I'm currently building a Python backend that will be deployed item's list to S3 bucket in the format I need using Scrapinghub service and Scrapy module.

I successfully log into the website. Made looping through pages and started yielding items in the next format on each page. I provided you with the way I yield items.

spider.py

def parse(self, response):

    links = response.selector.xpath('//a[@class="item"]/@href').getall()
    names = response.selector.xpath('//a[@class="item"]/text()').getall()

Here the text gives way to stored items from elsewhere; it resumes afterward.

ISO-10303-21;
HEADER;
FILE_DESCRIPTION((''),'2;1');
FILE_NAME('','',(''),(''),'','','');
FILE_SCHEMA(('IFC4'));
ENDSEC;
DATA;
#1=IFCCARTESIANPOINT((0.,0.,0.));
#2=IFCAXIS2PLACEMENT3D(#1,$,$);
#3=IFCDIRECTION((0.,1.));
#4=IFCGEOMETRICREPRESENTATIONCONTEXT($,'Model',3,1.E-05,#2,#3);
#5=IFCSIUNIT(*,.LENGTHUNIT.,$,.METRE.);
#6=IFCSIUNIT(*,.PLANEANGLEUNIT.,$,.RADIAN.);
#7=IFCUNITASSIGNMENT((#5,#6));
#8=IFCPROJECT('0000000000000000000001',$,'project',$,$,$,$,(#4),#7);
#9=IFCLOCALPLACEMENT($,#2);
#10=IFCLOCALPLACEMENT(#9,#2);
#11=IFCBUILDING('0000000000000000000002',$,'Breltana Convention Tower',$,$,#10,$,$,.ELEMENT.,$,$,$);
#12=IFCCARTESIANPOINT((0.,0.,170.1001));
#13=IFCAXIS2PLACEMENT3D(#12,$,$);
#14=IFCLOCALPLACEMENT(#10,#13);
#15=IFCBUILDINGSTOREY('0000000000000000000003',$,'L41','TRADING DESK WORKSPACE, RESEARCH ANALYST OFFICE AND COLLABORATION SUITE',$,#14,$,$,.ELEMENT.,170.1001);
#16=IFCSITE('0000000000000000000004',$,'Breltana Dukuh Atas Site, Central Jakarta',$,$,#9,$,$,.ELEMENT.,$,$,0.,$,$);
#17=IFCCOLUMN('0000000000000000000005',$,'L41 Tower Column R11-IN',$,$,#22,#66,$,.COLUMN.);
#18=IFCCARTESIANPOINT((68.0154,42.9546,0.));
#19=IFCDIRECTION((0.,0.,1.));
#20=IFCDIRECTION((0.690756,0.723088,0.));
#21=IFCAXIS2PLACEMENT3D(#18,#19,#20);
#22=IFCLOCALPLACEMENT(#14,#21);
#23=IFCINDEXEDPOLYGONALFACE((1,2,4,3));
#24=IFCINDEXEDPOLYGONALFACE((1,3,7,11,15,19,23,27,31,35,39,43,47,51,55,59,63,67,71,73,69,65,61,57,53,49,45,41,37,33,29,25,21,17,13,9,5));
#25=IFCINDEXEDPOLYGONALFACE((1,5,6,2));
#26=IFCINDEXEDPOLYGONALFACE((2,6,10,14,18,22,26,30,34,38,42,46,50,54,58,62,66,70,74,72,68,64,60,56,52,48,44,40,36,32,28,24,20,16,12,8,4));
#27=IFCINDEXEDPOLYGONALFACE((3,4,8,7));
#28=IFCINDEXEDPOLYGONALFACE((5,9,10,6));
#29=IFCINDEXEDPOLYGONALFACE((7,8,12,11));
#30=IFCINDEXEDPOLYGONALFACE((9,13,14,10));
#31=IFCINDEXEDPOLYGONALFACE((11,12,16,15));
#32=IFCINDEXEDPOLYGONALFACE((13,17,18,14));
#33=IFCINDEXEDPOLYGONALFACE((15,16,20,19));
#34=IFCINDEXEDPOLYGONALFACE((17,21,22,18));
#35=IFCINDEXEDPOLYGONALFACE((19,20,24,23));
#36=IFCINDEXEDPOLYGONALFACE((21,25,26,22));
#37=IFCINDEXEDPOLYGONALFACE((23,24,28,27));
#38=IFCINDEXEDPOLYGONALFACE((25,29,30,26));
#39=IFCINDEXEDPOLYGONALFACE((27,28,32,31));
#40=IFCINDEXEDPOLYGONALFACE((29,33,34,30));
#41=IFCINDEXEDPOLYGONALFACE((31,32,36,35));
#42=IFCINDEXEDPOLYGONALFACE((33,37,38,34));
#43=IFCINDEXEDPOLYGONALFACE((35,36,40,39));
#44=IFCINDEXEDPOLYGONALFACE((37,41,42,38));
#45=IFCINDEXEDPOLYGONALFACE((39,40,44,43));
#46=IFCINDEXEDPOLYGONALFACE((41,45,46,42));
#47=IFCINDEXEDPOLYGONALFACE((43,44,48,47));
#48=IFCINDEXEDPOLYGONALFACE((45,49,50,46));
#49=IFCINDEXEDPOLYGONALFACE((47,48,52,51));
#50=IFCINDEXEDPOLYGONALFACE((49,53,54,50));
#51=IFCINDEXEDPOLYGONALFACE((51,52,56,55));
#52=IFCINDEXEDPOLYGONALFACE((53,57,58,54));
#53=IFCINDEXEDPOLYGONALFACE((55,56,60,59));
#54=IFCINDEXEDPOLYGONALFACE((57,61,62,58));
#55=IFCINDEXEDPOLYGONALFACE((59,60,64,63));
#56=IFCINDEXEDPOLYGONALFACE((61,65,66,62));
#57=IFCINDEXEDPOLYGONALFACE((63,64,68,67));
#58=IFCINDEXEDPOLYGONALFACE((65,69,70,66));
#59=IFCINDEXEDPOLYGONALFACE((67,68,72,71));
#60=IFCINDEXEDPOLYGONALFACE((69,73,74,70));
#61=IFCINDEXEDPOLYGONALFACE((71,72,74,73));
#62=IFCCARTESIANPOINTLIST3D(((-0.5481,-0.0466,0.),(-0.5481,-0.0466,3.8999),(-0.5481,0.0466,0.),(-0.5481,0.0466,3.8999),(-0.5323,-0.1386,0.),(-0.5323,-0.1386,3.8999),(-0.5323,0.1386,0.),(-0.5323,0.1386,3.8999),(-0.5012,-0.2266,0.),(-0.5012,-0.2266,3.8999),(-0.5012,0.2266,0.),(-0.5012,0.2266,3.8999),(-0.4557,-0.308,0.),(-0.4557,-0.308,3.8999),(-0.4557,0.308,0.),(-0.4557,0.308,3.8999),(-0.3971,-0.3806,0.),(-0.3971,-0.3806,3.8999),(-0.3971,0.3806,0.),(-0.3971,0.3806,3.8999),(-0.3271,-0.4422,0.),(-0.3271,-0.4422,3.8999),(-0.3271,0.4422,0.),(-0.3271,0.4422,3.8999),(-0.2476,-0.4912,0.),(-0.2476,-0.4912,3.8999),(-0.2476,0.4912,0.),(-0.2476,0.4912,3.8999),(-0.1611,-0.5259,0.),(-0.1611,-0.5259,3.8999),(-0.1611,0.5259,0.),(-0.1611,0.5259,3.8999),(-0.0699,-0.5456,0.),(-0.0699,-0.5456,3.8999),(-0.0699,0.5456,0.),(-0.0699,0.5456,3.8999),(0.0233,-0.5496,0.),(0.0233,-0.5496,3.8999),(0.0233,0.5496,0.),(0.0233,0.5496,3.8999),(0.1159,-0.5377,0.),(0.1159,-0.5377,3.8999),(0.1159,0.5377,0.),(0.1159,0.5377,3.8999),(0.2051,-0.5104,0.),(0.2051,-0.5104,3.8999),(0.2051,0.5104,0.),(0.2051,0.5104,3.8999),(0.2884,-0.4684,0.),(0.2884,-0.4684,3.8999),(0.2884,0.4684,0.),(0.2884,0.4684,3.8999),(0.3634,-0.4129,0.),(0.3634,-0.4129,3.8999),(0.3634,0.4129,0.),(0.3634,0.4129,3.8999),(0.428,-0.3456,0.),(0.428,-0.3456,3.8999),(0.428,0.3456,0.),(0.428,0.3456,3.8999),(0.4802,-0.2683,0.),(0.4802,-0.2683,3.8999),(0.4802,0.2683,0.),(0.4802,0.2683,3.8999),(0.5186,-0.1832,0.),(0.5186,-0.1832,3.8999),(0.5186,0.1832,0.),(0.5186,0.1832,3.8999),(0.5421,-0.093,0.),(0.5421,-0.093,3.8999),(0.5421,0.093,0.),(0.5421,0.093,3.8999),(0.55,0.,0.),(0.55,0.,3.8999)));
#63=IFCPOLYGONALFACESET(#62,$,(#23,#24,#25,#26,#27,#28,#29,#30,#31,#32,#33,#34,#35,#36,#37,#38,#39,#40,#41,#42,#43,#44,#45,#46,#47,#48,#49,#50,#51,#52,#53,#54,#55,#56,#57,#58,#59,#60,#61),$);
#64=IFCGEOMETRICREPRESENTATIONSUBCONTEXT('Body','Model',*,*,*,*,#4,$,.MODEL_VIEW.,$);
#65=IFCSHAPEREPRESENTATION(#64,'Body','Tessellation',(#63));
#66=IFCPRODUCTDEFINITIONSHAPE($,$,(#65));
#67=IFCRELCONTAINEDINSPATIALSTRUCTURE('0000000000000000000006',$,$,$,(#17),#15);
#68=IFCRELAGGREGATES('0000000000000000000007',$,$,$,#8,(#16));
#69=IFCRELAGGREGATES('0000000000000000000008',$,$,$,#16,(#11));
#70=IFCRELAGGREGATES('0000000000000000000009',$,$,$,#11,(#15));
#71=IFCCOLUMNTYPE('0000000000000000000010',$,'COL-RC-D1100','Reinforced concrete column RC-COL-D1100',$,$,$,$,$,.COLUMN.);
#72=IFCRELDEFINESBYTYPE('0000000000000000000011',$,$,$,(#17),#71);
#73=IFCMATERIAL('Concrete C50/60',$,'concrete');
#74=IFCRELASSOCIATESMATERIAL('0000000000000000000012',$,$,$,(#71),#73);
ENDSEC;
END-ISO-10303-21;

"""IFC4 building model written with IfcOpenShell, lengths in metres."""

from ifc_helpers import new_model, si_unit, direction, frame, origin, origin_2d, place, context, subcontext, project, spatial, circle, extrude, source, transform, mapped, material, material_profile, profile_set, type_object, element, save


model = new_model("IFC4")

# Units and contexts
model_context = context("Model", 3, precision=1e-05, world=origin(), true_north=direction((0.0, 1.0)))
body_context = subcontext(model_context, "Body", "Model", "MODEL_VIEW")
ifc_project = project(units=[si_unit("LENGTHUNIT", "METRE"), si_unit("PLANEANGLEUNIT", "RADIAN")], contexts=[model_context])

# Site, building, storey
site_placement = place(None, origin())
site = spatial("IfcSite", under=ifc_project, at=site_placement, Name="Breltana Dukuh Atas Site, Central Jakarta", CompositionType="ELEMENT", RefElevation=0.0)
building_placement = place(site_placement, origin())
building = spatial("IfcBuilding", under=site, at=building_placement, Name="Breltana Convention Tower", CompositionType="ELEMENT")
storey_placement = place(building_placement, frame((0.0, 0.0, 170.1001)))
storey = spatial("IfcBuildingStorey", under=building, at=storey_placement, Name="L41", Description="TRADING DESK WORKSPACE, RESEARCH ANALYST OFFICE AND COLLABORATION SUITE", CompositionType="ELEMENT", Elevation=170.1001)

# Column
ifc_material_1 = material(Name="Concrete C50/60", Category="concrete")
ifc_material_profile_1 = material_profile(ifc_material_1, circle(Radius=0.55, at=origin_2d()), Name="RC-COL-D1100")
ifc_profile_set_1 = profile_set([ifc_material_profile_1], Name="Concrete C50/60")
column_type = type_object("IfcColumnType", Name="COL-RC-D1100", Description="Reinforced concrete column RC-COL-D1100", PredefinedType="COLUMN", material=ifc_profile_set_1)
shared_shape_1 = source(origin(), body_context, "Body", "SweptSolid", [
    extrude(circle(Radius=0.55, at=origin_2d()), origin(), (0.0, 0.0, 1.0), 3.8999),
])
column_placement = place(storey_placement, frame((68.0154, 42.9546, 0.0), z_axis=(0.0, 0.0, 1.0), x_axis=(0.690756, 0.723088, 0.0)))
element("IfcColumn", 1, at=column_placement, inside=storey, type_object=column_type, Name="L41 Tower Column R11-IN", PredefinedType="COLUMN", context=body_context, shape_type="MappedRepresentation", body=[
    mapped(shared_shape_1, transform((0.0, 0.0, 0.0), scale=1.0)),
])

save(model, "model.ifc")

    yield { 'links': links,'names': names }

In the file pipelines.py I made custom JSON Pipeline to receive json file in the next format:

{
    "list_of_objects": [
            {
                "links": "link",
                "names": "name"
            },
            {...},
            {...},
            ...
    ]
}

pipelines.py

class JsonWriterPipeline(object):
    items_list = []

    def open_spider(self, spider):
        self.file = open('items.json', 'wb')
        self.exporter = JsonItemExporter(self.file, encoding='utf-8', ensure_ascii=False)
        self.exporter.start_exporting()

    def process_item(self, item, spider):

        self.items_list.append(item)
        return item

    def close_spider(self, spider):

        def_dict = defaultdict(list)
        def_dict['list_of_objects'] = self.items_list

        self.exporter.export_item(def_dict)
        self.exporter.finish_exporting()
        self.file.close()

First of all I run this spider locally and I get the right format that I was expecting. Then I deployed spider into Scrapinghub, make configuration in the project to upload to AWS S3 bucket.

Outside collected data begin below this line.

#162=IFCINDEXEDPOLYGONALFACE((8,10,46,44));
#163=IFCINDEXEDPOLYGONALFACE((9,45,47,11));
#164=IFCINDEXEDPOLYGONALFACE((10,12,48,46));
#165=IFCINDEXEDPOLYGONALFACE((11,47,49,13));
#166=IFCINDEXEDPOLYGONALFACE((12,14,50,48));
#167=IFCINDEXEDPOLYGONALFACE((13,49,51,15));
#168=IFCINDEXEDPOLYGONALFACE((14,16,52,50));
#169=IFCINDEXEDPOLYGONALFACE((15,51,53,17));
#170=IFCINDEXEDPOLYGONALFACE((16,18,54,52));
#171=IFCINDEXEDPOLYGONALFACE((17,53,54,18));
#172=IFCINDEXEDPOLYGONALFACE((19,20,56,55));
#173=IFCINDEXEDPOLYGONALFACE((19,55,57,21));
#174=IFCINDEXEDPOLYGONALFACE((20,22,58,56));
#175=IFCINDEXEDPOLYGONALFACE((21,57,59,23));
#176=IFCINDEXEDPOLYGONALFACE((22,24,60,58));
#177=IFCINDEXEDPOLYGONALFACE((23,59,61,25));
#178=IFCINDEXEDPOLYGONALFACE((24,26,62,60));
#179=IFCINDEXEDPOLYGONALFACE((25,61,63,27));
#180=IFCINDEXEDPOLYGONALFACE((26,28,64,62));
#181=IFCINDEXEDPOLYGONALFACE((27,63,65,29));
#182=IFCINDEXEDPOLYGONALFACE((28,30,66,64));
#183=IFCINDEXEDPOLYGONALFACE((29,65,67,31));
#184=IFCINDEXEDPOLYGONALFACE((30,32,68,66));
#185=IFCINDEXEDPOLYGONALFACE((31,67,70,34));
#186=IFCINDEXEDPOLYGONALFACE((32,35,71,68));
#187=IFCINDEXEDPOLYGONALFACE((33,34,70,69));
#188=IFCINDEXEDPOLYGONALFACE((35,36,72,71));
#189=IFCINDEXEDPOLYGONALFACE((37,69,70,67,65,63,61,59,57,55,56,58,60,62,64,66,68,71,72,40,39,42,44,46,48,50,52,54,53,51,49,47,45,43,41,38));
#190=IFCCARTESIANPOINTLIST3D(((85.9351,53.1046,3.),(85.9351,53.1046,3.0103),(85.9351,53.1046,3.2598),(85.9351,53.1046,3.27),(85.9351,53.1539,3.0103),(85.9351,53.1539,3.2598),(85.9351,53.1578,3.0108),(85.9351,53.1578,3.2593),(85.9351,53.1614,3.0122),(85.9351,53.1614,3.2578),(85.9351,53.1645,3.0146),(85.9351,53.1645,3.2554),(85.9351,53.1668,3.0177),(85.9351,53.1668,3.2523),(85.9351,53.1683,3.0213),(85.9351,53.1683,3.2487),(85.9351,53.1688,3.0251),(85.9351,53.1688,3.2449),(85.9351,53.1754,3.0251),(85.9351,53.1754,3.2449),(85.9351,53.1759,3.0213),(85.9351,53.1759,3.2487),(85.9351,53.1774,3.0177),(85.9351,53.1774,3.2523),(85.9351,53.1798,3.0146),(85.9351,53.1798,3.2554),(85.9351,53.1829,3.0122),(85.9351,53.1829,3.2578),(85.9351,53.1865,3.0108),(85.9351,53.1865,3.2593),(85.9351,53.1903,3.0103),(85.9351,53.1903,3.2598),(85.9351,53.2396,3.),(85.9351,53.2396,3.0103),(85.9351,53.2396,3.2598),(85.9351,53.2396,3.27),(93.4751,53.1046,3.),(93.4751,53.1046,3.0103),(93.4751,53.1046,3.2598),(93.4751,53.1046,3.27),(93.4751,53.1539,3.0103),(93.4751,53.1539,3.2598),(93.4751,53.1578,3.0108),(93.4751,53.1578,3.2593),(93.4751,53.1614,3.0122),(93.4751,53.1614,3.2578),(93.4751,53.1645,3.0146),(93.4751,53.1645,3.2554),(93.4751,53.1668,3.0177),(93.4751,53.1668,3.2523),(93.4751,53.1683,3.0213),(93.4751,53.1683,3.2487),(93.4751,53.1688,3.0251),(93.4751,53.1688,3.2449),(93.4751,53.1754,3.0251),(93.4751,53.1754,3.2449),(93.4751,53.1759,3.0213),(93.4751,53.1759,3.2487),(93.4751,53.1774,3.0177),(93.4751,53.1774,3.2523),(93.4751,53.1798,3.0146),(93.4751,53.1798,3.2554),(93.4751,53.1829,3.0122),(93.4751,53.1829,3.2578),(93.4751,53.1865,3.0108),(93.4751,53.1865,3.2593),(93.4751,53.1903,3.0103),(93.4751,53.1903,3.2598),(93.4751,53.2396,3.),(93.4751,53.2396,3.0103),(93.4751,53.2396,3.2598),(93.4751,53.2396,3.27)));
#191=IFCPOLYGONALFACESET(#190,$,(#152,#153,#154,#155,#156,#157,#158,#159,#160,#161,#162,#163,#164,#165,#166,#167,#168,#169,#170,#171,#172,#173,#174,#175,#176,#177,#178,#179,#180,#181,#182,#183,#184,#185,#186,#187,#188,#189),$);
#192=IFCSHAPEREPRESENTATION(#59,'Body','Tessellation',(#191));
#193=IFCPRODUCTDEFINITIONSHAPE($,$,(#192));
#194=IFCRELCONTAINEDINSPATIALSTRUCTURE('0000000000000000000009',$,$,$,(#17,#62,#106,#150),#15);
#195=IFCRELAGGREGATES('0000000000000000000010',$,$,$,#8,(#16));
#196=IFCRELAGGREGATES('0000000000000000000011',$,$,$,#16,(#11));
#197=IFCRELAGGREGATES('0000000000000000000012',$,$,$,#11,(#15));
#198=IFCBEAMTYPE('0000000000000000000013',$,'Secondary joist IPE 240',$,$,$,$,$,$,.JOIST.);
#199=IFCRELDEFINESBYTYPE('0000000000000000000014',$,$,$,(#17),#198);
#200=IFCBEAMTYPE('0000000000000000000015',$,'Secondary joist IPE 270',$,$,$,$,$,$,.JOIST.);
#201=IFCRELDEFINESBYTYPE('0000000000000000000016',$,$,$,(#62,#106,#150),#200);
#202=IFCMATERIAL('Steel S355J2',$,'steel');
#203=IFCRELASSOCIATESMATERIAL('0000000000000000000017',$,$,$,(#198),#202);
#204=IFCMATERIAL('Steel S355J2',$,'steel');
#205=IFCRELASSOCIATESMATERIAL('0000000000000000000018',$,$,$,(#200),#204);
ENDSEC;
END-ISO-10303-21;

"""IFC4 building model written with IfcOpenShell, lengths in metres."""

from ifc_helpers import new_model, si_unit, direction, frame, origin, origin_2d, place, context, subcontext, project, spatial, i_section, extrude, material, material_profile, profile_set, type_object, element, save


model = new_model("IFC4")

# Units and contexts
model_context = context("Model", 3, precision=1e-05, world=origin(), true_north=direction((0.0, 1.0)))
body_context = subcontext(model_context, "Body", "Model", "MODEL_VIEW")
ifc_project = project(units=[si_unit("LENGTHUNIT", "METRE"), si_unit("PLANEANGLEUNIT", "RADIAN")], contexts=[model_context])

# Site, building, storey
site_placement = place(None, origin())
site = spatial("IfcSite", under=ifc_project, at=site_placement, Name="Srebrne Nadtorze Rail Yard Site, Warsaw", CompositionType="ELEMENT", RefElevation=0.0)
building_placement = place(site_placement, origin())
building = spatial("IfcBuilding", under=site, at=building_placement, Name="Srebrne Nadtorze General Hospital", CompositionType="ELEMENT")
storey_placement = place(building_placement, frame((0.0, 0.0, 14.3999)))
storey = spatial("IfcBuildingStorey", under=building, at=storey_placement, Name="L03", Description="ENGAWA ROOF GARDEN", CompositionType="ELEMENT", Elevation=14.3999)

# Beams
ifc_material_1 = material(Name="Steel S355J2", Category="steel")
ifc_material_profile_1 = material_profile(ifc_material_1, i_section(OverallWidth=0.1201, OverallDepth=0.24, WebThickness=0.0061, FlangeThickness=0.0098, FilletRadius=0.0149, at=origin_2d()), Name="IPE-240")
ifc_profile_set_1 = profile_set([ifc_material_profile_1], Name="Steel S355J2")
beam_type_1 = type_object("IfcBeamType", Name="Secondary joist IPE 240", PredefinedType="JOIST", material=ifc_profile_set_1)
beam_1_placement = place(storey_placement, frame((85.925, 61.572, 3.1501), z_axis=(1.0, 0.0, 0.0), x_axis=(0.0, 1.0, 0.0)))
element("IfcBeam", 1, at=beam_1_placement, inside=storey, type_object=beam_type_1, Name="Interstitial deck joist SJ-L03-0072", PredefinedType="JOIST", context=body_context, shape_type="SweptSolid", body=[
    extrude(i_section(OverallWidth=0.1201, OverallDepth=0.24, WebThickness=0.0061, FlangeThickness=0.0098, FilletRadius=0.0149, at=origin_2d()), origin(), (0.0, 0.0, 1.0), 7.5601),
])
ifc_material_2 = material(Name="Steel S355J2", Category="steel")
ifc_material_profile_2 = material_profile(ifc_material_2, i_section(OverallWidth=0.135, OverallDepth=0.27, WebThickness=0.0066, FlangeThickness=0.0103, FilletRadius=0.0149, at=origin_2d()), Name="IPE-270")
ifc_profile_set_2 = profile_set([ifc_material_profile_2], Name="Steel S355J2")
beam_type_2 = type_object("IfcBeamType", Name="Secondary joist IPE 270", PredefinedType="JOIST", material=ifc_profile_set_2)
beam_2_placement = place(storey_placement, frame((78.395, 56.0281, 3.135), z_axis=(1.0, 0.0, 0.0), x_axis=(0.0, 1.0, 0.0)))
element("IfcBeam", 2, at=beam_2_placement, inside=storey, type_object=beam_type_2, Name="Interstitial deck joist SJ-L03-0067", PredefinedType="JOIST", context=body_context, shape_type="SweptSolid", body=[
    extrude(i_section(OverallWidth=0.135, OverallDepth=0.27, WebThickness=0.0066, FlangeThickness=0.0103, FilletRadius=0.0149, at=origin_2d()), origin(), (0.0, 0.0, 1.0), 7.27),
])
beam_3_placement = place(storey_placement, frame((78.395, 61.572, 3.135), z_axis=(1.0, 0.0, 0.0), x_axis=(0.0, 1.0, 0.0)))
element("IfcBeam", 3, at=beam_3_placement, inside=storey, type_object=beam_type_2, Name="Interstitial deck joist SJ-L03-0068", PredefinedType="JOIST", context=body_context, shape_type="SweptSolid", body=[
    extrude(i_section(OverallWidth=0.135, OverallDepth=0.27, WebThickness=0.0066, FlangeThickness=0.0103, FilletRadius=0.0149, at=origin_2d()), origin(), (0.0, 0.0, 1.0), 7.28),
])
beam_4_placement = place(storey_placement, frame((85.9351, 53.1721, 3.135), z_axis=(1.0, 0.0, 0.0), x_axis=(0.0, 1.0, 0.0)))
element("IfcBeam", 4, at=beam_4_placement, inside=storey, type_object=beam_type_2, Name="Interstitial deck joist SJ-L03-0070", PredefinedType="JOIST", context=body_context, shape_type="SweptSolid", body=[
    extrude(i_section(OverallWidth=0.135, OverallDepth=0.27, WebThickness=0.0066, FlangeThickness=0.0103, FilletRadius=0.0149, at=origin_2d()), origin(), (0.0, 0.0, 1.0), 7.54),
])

I was able to run spider on Scrapinghub and then I looked to the output json result on the AWS S3 bucket. I was able to find the file and the AWS, but the format wasn't that I was looking for.

[
    {
         "links": "link",
         "names": "name"
    },
    {...},
    {...},
    ...
]

Have you any suggestions why file wasn't on the S3 bucket in the format I was expecting?

IK KLX
  • 121
  • 2
  • 14
  • 1
    Is `ddict` the same as `def_dict`? – JQadrad May 28 '20 at 18:02
  • @JQadrad Yeah, they are the same. I edited the question. – IK KLX May 28 '20 at 18:04
  • Your pipeline writes into a local file. Did you modify the code to upload that file to S3? – Gallaecio Jun 01 '20 at 10:52
  • 1
    I think what you may be looking for, instead of writing a pipeline, is writing a custom item exporter (e.g. subclassing [JsonItemExporter](https://docs.scrapy.org/en/latest/topics/exporters.html#jsonitemexporter)) and configuring it in [FEED_EXPORTERS](https://docs.scrapy.org/en/latest/topics/feed-exports.html#std-setting-FEED_EXPORTERS). – Gallaecio Jun 01 '20 at 10:55

0 Answers0